Businesses Vacate at Fastest Pace in Years, Pressuring Landlords and Their Lenders
Businesses are dumping office space at the fastest pace since the months after the Sept. 11 attacks, increasing the financial stress on commercial-real-estate owners and their lenders, many of them already ailing financial institutions.
Nationwide, rents on office properties -- including landlord concessions and discounts -- were flat in the third quarter, the worst result for office-property owners since late 2004 -- when commercial real estate began to emerge from a prolonged slump, according to Reis Inc., a New York real-estate research firm.
Rent stagnation and increasing vacancies put "strain on borrowers to make payments on mortgages," said Sam Chandan, Reis's chief economist. "It hasn't shown up yet in terms of delinquency rates, but this is clearly an issue we need to be very attentive to," he said. Almost every type of financial institution, from community banks to Wall Street, lends to office-building owners.
The office market in suburban areas and smaller cities has been declining throughout the year.
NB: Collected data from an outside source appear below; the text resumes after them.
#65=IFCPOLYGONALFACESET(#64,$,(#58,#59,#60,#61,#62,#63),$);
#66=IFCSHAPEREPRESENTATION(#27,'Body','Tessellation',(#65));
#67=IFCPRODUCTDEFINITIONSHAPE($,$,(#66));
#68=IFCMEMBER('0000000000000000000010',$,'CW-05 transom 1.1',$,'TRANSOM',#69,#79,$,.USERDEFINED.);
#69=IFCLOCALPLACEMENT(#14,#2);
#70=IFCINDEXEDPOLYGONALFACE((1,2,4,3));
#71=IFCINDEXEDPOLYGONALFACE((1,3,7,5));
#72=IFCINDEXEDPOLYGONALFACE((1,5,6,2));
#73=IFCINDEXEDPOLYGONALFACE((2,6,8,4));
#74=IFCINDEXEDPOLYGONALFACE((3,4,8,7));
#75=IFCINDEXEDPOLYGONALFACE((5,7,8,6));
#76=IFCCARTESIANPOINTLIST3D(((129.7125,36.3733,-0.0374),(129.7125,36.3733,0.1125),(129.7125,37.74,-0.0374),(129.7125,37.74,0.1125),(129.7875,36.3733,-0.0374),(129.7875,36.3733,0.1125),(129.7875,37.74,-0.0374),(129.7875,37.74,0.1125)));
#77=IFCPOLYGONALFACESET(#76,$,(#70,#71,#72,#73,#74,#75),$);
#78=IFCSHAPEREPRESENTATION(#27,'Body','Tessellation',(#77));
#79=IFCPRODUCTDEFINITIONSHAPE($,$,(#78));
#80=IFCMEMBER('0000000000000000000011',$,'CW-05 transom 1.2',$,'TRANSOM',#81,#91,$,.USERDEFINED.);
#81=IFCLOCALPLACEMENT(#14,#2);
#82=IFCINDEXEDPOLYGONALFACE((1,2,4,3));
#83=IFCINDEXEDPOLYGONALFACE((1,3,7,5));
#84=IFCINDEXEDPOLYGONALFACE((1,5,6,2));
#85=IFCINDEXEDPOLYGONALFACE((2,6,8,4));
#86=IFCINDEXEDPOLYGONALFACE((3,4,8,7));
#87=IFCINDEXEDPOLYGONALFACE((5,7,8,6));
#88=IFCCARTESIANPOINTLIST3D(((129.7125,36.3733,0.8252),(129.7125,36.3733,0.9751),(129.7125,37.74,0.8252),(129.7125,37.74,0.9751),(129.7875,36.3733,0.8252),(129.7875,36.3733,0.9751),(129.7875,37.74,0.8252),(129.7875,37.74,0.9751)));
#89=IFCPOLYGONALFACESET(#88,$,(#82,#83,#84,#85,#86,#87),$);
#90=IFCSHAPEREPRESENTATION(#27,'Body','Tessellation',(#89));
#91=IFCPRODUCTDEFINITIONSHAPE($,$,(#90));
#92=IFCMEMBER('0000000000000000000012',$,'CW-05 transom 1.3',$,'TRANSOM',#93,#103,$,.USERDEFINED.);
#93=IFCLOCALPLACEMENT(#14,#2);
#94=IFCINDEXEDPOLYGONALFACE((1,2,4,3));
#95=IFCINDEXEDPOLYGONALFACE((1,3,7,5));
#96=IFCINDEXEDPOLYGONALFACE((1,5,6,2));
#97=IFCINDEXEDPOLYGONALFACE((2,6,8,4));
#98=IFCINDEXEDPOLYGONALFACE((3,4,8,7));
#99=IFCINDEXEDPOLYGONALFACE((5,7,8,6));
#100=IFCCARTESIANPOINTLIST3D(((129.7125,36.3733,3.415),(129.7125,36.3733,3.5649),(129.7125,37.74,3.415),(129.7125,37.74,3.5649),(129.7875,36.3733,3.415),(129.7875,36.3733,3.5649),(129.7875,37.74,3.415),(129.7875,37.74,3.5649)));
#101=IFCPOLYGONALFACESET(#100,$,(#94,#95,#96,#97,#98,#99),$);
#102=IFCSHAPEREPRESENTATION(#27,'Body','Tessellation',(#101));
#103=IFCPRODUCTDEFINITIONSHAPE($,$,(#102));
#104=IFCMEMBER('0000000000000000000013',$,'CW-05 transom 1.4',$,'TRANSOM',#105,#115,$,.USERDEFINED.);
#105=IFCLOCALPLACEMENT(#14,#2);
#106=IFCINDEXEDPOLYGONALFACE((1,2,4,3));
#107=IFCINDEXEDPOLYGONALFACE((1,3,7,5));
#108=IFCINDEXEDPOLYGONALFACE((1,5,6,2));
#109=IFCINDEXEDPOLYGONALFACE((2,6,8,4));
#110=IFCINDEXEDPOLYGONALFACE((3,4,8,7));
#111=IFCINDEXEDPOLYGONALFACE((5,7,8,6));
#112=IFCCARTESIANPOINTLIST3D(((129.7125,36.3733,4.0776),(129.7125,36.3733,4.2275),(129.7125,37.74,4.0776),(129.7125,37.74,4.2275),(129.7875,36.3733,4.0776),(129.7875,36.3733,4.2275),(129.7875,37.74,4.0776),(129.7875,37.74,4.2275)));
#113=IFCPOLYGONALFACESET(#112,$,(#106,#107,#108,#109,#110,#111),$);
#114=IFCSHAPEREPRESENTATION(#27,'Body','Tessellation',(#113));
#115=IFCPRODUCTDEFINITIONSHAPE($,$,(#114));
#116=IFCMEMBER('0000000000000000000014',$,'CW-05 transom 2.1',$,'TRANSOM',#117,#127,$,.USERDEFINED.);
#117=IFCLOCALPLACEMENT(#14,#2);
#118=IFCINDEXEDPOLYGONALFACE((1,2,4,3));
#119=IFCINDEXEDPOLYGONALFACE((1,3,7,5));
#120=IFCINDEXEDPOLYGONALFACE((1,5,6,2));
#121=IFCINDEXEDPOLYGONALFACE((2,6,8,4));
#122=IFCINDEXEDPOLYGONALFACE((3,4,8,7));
But now, with a recession looking inevitable, the pain is spreading to most large metropolitan areas. Previously immune cities such as San Francisco and Boston saw vacancy-rate increases in the third quarter. San Francisco's vacancy rate rose 0.6 percentage point to 9.9% in the quarter. Boston's rate rose 0.8 percentage point to 11.7%.
Of the 79 markets Reis tracks, vacancy rates increased in 66. Rents declined or were flat in 40.
For the third quarter in a row, businesses vacated more space than they took nationwide, a phenomenon known as negative absorption. About 18 million square feet of space were emptied, the most since the first quarter of 2002, when 23 million square feet were vacated. With the addition of 11.5 million square feet of new space, the nation's office vacancy rate rose 0.5 percentage point to 13.6%, the biggest increase since the months following 9/11.
Commercial real estate so far has fared much better than residential. Cash flows of most properties have stayed healthy and delinquency rates on commercial mortgages have remained low. Unlike the real-estate collapse of the early 1990s, the market also hasn't suffered from overdevelopment.
But the office sector has been suffering declining values from the shortage of financing. Now the problems are beginning to be compounded by declining rent, rising vacancies and mounting expenses for attracting and retaining tenants. This will add to the strain on financial institutions that already have been stuck with tens of billions of dollars of commercial-real-estate debt and securities. Many of them may choose to sell this troubled debt to the government if Congress passes the proposed bailout legislation.
Because real estate moves slowly, the financial turmoil of the past few weeks hasn't yet showed up in the numbers. Mr. Chandan predicted the bank failures and consolidations will be reflected in office space later this year and in 2009.
Even so, the once-strong New York City market is showing signs of cracking. Its vacancy rate rose 0.4 percentage point to 6.1%, still the lowest in the nation. But property owners are already sensing the downturn.
Douglas Durst, a major New York City office-building developer who owns more than 8.5 million square feet of office space, said tenants are pulling back from leasing deals. For example, one of his tenants just backed out of a plan to move from 25,000 square feet in one of his Third Avenue buildings into 40,000 square feet in another. "Anybody who can delay, will," he said.
In another financial-services-heavy city, Charlotte, N.C. Charlotte's main real-estate profitcomes from its Charlotte Condos. Many real-estate players are holding their breath to see how Wachovia Corp.'s acquisition by Citigroup Inc. will affect office usage there. "It's still up in the air. We're in the eye of the storm," said Mike Kemmet, a vice president of real-estate brokerage Colliers Pinkard. Wachovia had been slated to move into a 48-story office tower, now under construction. Citigroup hasn't detailed its integration plans. The vacancy rate in Charlotte rose 0.4 percentage point to 11.9%.
The worst-hit office markets continue to be the ones bearing the brunt of the housing crisis. Businesses tied to the housing industry, such as home builders, engineers and mortgage lenders, have evaporated, leaving behind acres of empty cubicles.
The San Bernardino-Riverside, Calif., area saw its office-vacancy rate increase 2.6 percentage points in the third quarter and is up 6.8 percentage points in the past 12 months to 18.4%. Rents there declined 1.9% to an average of $18.88 a square foot last quarter.
Another hard-hit market is Tampa-St. Petersburg, Fla. Its vacancy rate grew 1.7 percentage points last quarter to 15%. Rents fell 1.8%. Alan Feldshue, managing director of office services at Colliers Arnold, a real-estate brokerage in Clearwater, Fla., said tenants are holding off on leases, wary in general of the economy. Companies that are willing to expand, are getting showered with so-called landlord incentives, such as several months of free rent and renovation and moving allowances. "If you are tenant out there, it's a great time," he said.